One month after the toddler dose, however, more than 97% of term and preterm infants achieved at least 0.35 mcg/mL of IgG antibodies for all serotypes except serotype 3, for which response was lower with younger gestational age. “Differences in IgG response between preterm and term infants almost disappeared after toddler vaccination, emphasizing the importance of timely administration of the booster dose,” the authors wrote.
Local reactions were similar across both infant groups and decreased with each subsequent dose. Decreased appetite, irritability, or decreased sleep occurred slightly more often among preterm infants than among term infants.
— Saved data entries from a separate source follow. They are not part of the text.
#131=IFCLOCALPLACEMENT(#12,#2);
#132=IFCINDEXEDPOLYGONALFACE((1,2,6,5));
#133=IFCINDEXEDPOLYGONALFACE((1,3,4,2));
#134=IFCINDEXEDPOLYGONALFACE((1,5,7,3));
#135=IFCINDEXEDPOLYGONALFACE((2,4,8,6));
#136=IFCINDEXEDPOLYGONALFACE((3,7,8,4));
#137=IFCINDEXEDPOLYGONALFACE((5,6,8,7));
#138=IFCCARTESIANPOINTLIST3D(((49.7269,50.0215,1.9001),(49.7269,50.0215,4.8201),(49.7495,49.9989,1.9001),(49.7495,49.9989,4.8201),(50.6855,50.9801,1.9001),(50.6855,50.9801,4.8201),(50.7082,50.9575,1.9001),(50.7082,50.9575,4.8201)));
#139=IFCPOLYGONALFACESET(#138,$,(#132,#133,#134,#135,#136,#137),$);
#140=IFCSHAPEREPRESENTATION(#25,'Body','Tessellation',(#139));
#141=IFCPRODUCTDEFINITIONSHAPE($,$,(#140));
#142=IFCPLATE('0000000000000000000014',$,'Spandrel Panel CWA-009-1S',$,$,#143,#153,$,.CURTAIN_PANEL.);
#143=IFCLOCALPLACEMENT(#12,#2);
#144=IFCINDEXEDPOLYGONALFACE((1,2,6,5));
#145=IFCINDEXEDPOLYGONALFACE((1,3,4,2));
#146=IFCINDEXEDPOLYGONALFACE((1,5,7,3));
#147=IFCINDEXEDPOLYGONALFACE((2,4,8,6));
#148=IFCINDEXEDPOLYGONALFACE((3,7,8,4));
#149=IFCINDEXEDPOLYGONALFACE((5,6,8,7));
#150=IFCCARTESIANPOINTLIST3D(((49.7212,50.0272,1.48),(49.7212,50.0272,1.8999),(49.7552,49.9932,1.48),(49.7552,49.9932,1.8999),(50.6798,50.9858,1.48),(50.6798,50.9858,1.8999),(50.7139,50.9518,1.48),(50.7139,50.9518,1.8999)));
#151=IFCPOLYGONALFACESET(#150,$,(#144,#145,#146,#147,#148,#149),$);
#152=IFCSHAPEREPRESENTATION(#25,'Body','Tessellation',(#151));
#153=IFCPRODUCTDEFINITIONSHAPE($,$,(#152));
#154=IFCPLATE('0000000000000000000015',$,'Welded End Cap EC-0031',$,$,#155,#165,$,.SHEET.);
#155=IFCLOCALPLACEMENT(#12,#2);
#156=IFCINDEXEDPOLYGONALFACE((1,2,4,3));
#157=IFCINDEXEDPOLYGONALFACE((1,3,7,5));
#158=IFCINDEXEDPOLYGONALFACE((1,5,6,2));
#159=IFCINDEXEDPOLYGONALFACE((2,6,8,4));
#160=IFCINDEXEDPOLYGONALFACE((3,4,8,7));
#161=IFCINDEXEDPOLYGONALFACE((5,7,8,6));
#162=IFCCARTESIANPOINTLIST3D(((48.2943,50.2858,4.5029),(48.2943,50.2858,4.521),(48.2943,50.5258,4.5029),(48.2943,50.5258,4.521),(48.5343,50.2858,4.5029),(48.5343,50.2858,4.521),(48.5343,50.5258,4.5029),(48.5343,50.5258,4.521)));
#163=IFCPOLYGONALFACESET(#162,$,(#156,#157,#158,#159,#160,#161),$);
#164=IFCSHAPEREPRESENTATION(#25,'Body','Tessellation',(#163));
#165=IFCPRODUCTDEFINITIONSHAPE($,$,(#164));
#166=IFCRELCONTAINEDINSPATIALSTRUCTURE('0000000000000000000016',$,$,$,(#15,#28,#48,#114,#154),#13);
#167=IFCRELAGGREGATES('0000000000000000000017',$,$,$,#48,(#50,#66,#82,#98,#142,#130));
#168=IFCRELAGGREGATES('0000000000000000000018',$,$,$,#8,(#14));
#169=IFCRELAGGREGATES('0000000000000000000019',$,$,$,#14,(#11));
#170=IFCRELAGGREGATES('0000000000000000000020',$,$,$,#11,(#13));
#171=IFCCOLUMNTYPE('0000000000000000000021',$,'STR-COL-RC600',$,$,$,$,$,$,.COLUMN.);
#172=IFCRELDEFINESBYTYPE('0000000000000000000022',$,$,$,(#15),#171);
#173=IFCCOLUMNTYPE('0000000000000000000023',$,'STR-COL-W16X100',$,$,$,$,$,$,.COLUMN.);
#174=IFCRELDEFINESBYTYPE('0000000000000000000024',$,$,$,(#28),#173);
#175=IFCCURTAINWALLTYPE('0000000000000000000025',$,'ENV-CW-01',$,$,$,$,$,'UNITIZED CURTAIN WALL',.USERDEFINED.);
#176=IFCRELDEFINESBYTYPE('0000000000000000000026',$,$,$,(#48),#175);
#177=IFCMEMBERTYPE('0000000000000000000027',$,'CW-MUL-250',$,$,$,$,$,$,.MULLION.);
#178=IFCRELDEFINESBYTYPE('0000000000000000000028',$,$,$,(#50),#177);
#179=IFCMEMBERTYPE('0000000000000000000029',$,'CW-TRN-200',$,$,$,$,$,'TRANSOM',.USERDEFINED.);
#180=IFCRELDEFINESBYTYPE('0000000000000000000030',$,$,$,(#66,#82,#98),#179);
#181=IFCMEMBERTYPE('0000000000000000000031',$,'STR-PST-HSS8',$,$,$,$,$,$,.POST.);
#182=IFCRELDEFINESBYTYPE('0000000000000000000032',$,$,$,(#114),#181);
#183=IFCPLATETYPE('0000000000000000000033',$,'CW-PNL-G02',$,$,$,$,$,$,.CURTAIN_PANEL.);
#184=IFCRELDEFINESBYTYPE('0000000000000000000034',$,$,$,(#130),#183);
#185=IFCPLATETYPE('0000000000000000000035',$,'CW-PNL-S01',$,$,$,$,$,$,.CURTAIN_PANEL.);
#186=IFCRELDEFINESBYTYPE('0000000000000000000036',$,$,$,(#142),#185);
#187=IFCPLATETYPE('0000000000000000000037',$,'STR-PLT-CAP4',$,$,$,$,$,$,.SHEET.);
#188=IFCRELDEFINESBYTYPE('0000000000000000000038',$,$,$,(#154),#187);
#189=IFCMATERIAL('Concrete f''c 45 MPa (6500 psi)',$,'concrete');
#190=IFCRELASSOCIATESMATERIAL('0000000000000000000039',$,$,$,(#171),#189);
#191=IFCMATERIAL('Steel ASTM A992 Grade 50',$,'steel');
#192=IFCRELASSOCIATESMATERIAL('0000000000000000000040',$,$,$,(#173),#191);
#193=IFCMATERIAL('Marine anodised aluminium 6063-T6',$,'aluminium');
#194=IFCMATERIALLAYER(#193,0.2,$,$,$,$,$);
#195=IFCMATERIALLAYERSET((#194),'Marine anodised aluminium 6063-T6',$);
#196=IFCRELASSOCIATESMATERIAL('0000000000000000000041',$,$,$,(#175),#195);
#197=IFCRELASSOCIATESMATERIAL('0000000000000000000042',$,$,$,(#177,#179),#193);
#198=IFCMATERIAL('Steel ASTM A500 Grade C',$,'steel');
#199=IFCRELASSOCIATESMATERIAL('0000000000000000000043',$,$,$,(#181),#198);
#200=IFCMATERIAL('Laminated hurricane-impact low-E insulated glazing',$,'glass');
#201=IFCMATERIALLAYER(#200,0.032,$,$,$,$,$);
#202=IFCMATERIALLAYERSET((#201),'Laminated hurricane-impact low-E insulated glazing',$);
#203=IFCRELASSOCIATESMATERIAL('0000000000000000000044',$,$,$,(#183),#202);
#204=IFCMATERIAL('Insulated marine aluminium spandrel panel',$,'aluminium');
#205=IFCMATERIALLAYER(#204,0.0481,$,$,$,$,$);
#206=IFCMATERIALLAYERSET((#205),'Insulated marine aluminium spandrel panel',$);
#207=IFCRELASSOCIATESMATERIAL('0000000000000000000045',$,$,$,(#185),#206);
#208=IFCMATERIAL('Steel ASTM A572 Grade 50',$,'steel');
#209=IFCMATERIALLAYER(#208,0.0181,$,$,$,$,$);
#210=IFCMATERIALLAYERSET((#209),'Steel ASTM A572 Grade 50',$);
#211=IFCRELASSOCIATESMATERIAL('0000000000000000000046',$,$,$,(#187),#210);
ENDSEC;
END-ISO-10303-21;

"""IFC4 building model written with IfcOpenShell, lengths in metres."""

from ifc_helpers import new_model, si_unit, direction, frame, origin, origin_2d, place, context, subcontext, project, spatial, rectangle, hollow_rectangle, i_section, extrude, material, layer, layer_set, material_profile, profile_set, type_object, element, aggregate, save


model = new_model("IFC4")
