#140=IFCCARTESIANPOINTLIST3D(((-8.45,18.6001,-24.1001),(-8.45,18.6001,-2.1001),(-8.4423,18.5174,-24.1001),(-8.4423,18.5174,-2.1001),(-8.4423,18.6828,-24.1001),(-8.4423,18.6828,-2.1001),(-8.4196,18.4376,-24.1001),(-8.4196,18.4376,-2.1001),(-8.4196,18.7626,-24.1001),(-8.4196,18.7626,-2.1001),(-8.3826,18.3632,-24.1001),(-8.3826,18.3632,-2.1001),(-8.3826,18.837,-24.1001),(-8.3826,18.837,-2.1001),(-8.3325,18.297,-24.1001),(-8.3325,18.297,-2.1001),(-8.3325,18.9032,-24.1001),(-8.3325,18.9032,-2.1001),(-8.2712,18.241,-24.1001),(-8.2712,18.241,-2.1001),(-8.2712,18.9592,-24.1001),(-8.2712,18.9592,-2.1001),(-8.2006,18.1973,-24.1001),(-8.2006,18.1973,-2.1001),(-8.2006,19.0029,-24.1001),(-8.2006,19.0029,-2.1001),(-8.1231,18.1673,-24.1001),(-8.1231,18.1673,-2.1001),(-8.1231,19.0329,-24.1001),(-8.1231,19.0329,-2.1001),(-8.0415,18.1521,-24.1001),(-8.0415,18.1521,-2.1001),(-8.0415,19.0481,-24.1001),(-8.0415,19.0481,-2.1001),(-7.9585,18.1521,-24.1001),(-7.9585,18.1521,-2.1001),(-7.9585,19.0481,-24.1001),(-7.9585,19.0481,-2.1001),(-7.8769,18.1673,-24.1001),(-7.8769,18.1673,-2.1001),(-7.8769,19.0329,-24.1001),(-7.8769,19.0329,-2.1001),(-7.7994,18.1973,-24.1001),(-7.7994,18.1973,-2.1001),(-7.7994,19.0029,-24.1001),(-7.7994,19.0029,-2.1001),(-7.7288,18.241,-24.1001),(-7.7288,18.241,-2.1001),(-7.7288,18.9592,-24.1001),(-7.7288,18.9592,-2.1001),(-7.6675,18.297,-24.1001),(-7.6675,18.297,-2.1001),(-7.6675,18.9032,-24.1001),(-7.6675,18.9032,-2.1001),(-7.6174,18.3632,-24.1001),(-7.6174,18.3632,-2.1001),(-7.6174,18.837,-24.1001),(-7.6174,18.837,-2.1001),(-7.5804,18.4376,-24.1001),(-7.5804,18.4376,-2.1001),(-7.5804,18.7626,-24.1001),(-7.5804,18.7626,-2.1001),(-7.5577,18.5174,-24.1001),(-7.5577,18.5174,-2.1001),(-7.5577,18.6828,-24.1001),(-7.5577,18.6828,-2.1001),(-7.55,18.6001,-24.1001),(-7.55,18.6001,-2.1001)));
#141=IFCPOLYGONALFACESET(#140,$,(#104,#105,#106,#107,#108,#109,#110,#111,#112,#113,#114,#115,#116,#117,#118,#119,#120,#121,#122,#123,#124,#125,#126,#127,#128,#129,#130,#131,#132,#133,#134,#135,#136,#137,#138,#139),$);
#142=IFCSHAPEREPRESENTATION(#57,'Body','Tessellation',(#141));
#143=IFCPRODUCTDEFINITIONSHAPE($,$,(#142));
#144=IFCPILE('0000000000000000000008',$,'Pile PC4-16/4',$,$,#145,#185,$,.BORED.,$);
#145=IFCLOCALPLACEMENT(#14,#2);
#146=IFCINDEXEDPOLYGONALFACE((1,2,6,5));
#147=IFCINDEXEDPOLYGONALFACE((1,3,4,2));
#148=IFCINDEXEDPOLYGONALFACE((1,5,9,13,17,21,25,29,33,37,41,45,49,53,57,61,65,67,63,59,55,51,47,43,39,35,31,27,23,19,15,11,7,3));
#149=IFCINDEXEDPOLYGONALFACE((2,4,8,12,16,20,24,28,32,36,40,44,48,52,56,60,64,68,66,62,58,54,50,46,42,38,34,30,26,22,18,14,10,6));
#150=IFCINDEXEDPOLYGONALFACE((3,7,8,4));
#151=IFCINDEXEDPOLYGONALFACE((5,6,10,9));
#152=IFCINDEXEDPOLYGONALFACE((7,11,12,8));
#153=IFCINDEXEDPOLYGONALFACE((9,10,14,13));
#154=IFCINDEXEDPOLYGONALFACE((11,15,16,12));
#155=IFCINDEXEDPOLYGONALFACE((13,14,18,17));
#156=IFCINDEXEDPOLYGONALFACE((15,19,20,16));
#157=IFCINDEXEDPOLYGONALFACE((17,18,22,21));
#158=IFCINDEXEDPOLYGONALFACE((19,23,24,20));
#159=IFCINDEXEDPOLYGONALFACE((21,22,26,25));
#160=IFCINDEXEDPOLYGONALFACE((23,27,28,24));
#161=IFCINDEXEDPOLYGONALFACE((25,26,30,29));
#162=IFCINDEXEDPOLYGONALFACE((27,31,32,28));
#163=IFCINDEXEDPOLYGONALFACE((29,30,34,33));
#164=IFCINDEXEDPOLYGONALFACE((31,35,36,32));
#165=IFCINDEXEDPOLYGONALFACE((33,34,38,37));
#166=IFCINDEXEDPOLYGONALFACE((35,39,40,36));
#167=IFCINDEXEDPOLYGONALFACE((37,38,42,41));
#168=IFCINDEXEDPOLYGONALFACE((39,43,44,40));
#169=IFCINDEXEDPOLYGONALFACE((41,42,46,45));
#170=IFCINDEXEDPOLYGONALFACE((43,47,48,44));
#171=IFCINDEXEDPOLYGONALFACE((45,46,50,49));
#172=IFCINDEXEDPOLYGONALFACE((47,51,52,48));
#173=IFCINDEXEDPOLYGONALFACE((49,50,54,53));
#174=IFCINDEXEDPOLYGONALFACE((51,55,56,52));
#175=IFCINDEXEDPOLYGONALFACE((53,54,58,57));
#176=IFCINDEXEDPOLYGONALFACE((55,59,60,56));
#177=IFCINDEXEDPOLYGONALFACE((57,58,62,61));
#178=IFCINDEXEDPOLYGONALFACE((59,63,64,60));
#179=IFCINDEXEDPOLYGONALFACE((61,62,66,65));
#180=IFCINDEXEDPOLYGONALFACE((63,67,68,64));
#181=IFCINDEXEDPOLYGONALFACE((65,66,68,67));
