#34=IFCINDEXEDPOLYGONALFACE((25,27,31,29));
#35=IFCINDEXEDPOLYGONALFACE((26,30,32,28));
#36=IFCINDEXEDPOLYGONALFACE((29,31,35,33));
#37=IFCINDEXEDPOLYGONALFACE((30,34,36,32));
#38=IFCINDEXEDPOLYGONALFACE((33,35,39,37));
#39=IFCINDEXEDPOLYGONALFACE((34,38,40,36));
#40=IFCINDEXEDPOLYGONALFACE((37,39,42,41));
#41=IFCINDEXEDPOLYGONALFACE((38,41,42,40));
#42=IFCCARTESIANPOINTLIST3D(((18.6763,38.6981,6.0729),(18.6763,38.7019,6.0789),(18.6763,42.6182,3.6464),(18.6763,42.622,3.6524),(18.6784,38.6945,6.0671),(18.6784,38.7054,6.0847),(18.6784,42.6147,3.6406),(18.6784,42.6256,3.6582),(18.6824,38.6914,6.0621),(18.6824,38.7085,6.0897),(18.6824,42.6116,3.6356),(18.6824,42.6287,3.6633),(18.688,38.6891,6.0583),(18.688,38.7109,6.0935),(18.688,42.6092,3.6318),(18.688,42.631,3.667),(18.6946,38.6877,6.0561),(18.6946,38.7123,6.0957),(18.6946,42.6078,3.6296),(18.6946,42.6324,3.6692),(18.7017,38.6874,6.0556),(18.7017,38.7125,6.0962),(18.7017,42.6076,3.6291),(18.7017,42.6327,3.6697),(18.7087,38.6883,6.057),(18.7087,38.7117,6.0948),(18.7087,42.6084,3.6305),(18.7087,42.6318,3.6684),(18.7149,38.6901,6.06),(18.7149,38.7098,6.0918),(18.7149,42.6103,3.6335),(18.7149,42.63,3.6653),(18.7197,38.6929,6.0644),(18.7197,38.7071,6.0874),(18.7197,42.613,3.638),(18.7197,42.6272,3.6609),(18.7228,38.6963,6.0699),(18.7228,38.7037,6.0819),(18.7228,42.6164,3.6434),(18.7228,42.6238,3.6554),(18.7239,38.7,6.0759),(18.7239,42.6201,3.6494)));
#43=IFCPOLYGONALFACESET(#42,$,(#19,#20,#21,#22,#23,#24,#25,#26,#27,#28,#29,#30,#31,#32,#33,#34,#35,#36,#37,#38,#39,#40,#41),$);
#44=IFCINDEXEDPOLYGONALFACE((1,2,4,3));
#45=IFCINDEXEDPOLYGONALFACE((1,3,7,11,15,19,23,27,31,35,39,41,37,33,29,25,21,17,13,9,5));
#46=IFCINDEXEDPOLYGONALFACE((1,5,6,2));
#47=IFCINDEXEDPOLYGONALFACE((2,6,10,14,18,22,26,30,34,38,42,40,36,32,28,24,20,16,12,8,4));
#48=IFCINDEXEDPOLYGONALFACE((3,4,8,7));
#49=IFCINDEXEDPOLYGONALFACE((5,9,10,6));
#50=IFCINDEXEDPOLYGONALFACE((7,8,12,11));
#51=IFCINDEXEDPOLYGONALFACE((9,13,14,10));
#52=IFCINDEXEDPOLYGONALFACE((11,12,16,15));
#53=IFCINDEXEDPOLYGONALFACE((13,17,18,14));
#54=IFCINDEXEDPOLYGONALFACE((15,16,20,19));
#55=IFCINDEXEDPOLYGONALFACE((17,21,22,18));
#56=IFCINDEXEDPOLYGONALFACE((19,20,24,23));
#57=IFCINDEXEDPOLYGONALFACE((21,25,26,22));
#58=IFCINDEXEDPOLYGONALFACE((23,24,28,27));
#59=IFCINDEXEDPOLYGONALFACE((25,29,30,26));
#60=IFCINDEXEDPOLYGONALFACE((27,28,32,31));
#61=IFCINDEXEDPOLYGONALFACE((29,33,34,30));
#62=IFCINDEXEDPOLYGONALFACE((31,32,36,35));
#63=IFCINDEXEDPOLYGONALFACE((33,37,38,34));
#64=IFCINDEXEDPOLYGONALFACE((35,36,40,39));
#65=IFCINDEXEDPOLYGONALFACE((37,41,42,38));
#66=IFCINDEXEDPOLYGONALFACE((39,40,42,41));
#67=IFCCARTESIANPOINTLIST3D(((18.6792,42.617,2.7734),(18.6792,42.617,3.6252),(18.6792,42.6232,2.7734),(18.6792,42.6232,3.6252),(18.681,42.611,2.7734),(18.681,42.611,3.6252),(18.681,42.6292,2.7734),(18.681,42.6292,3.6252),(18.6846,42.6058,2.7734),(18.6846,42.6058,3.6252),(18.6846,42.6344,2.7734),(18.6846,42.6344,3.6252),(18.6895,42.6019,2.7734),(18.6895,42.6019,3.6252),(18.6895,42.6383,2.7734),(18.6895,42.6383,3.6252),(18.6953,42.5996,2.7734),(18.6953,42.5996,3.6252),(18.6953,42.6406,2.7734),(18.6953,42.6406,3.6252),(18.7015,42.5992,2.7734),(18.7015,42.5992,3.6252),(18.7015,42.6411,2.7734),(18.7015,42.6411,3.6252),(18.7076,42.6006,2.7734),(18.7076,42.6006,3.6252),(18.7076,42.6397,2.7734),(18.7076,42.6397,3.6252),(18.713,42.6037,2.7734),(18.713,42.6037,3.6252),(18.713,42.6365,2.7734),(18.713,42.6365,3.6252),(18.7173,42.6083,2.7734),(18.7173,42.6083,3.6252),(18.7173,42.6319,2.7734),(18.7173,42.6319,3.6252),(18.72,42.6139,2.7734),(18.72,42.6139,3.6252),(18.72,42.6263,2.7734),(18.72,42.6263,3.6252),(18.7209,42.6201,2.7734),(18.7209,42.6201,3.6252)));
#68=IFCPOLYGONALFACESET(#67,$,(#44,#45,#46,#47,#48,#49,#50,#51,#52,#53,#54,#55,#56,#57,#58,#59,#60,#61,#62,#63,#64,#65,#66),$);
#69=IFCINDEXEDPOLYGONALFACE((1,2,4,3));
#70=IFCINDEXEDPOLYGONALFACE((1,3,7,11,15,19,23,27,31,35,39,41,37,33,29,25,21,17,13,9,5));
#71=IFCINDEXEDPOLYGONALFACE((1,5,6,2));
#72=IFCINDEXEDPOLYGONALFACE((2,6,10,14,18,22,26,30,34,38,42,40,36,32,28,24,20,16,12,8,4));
Most reactions were mild or moderate, with fewer than 10% overall experiencing a severe reaction and only one (term) infant experiencing a fever above 40ºC following the toddler dose. One preterm infant also experienced a vaccine-related rash. Overall, 14% preterm infant and 5% of term infants experienced serious adverse events, primarily infections, not necessarily vaccine-related.
The study was funded by Pfizer. Dr. Martinón-Torres and several other investigators reported ties to GlaxoSmithKline, Sanofi Pasteur MSD, Sanofi Pasteur, Pfizer/Wyeth, Novartis, MedImmune, and/or Baxter. The remaining investigators, except for Dr. Concheiro-Guisán who reported no disclosures, are Pfizer employees and stockholders.